I had never imagined that so perfect an evocation of the old whaling days could be possible. The pictures were taken either actually in New Bedford or at sea, & shew the actual surviving houses, churches, whaves, ships, & accessories. To one who has lately read “Moby Dick” and “The Gam“, the film was incredibly impressive. “Faking” it was impossible—for one beheld the whales spouting in full splendour, the chase of the boats, the throwing and landing of the harpoon [and] it was the actor himself, seen full in the face, who threw the successful dart […] The whole film is of inestimable historical value [especially since the last American] whaler has gone to its eternal rest [so now…] whaling is done in steam vessels—mostly Norwegian—with auxiliary launches …” (Letter to Lillian D. Clarke, 27th July 1925)

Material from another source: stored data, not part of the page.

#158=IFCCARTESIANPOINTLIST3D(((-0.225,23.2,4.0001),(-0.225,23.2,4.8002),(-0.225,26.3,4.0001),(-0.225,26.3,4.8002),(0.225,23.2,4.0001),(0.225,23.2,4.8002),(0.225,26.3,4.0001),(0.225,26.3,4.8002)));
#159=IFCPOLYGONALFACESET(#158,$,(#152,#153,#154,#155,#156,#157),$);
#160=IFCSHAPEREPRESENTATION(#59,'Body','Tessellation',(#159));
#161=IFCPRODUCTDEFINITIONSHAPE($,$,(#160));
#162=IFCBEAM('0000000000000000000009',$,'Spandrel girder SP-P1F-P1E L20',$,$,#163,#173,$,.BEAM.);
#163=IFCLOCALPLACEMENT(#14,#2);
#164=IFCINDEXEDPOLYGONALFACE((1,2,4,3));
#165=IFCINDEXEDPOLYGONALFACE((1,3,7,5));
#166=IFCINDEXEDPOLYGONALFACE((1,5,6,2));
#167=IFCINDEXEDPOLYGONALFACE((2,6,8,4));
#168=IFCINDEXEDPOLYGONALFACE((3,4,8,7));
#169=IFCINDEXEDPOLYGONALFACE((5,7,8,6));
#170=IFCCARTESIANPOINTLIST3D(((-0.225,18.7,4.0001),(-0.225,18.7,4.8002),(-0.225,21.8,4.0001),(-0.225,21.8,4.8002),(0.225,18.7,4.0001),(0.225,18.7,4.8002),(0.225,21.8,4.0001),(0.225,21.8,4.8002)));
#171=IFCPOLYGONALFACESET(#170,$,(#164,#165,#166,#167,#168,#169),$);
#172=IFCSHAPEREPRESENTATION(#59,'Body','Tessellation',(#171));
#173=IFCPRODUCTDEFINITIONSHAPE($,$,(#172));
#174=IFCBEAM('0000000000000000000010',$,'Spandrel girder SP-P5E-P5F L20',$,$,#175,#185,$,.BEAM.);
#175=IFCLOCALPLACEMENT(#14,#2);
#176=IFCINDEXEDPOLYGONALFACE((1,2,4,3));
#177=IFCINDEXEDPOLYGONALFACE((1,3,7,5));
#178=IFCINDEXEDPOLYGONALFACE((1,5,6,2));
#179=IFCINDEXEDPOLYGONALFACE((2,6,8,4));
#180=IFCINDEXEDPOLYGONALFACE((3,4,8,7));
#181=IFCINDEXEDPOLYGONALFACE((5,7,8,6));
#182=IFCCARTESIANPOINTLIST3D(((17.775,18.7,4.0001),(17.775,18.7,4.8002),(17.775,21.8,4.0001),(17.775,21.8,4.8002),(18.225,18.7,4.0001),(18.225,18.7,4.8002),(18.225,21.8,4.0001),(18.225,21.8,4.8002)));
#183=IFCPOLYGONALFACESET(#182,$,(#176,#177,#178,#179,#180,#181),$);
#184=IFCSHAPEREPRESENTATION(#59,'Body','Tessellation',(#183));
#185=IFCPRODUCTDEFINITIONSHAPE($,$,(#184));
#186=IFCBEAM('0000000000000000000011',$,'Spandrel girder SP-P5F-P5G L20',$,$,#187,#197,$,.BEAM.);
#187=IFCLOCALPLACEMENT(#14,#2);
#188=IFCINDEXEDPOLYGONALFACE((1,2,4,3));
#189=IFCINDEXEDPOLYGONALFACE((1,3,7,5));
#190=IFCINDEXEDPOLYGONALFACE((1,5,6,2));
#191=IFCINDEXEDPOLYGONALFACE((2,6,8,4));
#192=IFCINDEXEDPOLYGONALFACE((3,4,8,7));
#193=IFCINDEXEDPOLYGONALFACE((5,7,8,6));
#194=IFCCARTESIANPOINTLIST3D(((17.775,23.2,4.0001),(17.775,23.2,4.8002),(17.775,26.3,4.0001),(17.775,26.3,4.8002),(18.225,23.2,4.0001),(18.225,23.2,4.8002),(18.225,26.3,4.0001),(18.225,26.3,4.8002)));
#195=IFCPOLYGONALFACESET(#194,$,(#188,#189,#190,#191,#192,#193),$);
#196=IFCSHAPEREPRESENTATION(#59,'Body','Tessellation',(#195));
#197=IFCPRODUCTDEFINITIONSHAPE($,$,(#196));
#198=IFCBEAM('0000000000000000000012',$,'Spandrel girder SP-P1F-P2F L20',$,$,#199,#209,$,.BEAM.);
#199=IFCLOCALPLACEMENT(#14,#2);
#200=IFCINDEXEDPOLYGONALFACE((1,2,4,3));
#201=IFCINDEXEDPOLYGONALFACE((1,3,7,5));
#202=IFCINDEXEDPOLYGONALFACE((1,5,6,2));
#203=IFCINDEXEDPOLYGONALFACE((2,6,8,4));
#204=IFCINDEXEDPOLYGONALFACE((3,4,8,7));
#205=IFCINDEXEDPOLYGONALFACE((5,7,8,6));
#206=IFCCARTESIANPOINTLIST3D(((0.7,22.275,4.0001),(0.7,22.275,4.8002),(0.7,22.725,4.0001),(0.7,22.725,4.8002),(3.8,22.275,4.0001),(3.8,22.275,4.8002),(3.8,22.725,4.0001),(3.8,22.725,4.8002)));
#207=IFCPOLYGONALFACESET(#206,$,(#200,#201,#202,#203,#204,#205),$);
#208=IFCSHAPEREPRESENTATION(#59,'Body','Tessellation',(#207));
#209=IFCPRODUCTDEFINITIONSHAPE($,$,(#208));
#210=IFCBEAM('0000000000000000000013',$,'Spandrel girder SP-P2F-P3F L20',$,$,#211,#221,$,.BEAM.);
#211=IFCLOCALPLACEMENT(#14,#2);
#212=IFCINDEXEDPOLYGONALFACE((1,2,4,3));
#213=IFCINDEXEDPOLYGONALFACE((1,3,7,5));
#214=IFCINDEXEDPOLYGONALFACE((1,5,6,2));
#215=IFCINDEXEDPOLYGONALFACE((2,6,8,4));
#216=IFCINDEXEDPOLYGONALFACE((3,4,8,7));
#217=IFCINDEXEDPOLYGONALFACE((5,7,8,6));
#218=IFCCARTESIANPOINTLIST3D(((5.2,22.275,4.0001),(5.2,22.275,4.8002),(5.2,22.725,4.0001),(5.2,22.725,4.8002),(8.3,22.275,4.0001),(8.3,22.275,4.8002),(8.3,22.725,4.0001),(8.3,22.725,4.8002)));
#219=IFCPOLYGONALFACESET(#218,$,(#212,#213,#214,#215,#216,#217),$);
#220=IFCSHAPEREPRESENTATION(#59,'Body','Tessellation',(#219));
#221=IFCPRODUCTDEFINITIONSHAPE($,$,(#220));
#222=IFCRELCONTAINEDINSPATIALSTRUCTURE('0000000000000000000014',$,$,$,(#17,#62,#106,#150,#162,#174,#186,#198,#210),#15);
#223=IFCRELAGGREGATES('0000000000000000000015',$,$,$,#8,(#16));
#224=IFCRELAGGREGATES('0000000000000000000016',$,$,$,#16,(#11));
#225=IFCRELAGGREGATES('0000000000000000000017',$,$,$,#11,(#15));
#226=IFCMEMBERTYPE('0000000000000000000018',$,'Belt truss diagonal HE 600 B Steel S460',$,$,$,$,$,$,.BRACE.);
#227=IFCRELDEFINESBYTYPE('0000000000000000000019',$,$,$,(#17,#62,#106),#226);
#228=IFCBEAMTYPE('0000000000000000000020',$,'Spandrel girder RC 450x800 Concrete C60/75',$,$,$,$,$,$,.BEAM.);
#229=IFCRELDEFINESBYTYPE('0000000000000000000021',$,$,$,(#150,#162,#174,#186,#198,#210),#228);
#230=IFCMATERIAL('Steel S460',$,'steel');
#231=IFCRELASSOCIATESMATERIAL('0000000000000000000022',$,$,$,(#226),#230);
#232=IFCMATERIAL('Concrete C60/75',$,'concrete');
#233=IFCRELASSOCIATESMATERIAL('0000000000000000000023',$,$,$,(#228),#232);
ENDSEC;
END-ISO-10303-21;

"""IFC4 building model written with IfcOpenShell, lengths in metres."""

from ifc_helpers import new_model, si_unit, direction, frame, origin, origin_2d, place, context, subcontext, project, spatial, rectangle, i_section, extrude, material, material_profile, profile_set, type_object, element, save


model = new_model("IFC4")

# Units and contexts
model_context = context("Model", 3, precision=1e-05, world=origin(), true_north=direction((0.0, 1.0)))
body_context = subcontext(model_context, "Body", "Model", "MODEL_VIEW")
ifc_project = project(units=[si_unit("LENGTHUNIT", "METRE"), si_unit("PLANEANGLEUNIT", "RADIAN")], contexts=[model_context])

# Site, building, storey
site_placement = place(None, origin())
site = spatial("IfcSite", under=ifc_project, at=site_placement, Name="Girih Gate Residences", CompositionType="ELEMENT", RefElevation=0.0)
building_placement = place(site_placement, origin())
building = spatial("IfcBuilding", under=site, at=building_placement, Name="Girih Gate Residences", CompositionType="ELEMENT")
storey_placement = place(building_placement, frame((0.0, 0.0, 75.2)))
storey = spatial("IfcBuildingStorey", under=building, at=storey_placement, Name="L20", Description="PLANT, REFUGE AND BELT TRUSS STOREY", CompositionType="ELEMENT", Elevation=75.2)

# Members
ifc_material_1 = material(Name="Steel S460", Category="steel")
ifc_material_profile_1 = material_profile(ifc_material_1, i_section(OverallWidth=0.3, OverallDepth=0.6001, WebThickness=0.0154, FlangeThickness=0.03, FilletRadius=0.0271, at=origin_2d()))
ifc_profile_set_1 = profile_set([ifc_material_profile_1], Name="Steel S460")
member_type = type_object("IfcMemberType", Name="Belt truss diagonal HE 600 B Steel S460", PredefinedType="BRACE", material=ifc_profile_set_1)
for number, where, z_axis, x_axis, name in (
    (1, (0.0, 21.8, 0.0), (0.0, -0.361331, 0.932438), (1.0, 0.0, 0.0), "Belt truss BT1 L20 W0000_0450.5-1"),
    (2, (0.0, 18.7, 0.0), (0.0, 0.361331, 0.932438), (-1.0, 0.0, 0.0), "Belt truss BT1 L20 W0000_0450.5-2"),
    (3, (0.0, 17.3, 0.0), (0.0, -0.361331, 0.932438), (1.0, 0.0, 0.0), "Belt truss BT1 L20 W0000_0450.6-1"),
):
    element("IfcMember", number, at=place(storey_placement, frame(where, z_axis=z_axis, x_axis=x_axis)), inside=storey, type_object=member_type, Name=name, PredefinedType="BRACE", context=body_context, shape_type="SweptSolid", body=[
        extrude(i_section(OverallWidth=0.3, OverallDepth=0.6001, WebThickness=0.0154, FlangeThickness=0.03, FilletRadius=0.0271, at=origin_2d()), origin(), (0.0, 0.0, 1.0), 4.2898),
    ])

Aha, so now we have the answer on Moby Dick! It was “almost certain” that he read it in mid April 1925. And now there’s 100% proof he read it then. The above quote even gives a possible source for his idea of having a “Norwegian sailor Gustaf Johansen” in “The Call of Cthulhu”.
Lovecraft may also have been rather thrilled to see a stock type in the movie, who looked remarkably like himself…
Photo of the Cameo Theatre, NYC, c. 1930.
Later, in August 1929, Lovecraft saw the New Bedford Whaling Museum (Jonathan Bourne Whaling Museum). He also visited the aquarium at Wood’s Hole, suggesting his aversion to sea-food did not extend to live specimens.